Adam: One time, playing a sold out show of about 1600+ people… someone that was a part of the sound crew at the venue popped over on the side of the huge stage by where I was standing and told me “last song!” Before the band started up the next tune… I got the attention of 2 or 3 of the other band members and said “last song!” “last song!” They all gave me a nod in agreement.

 

After that song was over… the band immediately went into another song. Uh-oh! So I played along. The sound person was NOT happy. Then….the band went into ANOTHER song after that. I was newer to the band and knew the songs pretty darn well, but not the NAMES of the songs. Turns out when I shouted out “Last song!” they all thought I was just referring to the next song that was on the set list. The song everyone else knew as “Last Song”. Ooooops.

 

The sound crew was irate, not just annoyed. They ended up turning off all the house main speakers, our monitors, and even turned on all of the venue lights as we kept playing, finishing the tune we were playing. Wasn’t the best ending to a set, to say the least. Then I got a mouth full from the sound crew, before I even had known what happened.

 

Q: What do you like about the Seattle music scene?

 

Theresa: Seattle has definitely made its mark on the music map with popular rock bands in the past such as, Nirvana, Pearl Jam and so forth.  However, it seems like now a days, Seattle is saturated with musicians and also electronic DJs that are categorized as musicians.  This isn’t a bad thing, but its a little more challenging to be heard.

 

Adam: I love how many big bands/artists, that have been so influential, have come out of Seattle. Hendricks, Nirvana, Pearl Jam, Macklemore… and don’t forget Quincy Jones!

 

Q:  What would you change about it?

 

Theresa: There are so many Seattle musicians and bands, but very few venues around the great Seattle area.  That said it is harder to get venues to want to play local acts unless you are already popular in the music scene.  From a business stand point, it makes a lot of sense to focus and showcase artists from around the country that bring in money.  However it does not promote or support local acts as first priority.

 

Adam:  it would be great to have some more comradery with bands/venues working together to really highlight the local music.
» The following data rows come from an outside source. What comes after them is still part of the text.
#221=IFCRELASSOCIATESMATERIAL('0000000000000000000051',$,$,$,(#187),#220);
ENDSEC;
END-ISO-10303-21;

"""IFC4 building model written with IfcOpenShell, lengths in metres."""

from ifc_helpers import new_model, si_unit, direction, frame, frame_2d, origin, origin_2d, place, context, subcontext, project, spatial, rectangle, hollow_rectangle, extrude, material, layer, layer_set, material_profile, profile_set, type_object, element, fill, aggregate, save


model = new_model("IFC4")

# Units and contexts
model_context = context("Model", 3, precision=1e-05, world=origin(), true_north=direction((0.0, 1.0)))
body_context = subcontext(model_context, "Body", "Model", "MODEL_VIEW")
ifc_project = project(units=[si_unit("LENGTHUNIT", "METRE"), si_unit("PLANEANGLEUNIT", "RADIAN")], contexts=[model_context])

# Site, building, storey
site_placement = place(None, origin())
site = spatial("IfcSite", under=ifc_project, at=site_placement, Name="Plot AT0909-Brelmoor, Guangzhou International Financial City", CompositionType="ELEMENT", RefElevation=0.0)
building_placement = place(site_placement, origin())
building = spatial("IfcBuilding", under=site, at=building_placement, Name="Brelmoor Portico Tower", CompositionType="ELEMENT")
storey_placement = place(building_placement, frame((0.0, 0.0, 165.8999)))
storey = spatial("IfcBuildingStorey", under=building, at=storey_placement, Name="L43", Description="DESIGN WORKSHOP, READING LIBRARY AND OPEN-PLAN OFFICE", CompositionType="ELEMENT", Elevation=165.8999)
There’s pockets of it here and there. I’d also love to see Alki music fest to come back!

 

Q:  Who is the leader of the band?

 

Theresa: HAHA! I’d say Adam has been a good leader.  He’s more like the glue that holds us together as a band; our point of reference and the one we look to when there is any questions or uncertainties.  We all bring something different and valuable to the band.  Adam has a lot of experience in all areas of music and has the business smarts so he brings a lot to the table.

 

Adam:  I like to think we all do our part. There’s a lot of overlap with the different things we do, but we are a unit that works and moves together and it feels so good to be a part of something where everyone carries their weight and pushes one another to be better!

Please note; Eliza’s interviews are done by email. All answers are unedited and come right from the lovely fingertips of her subjects.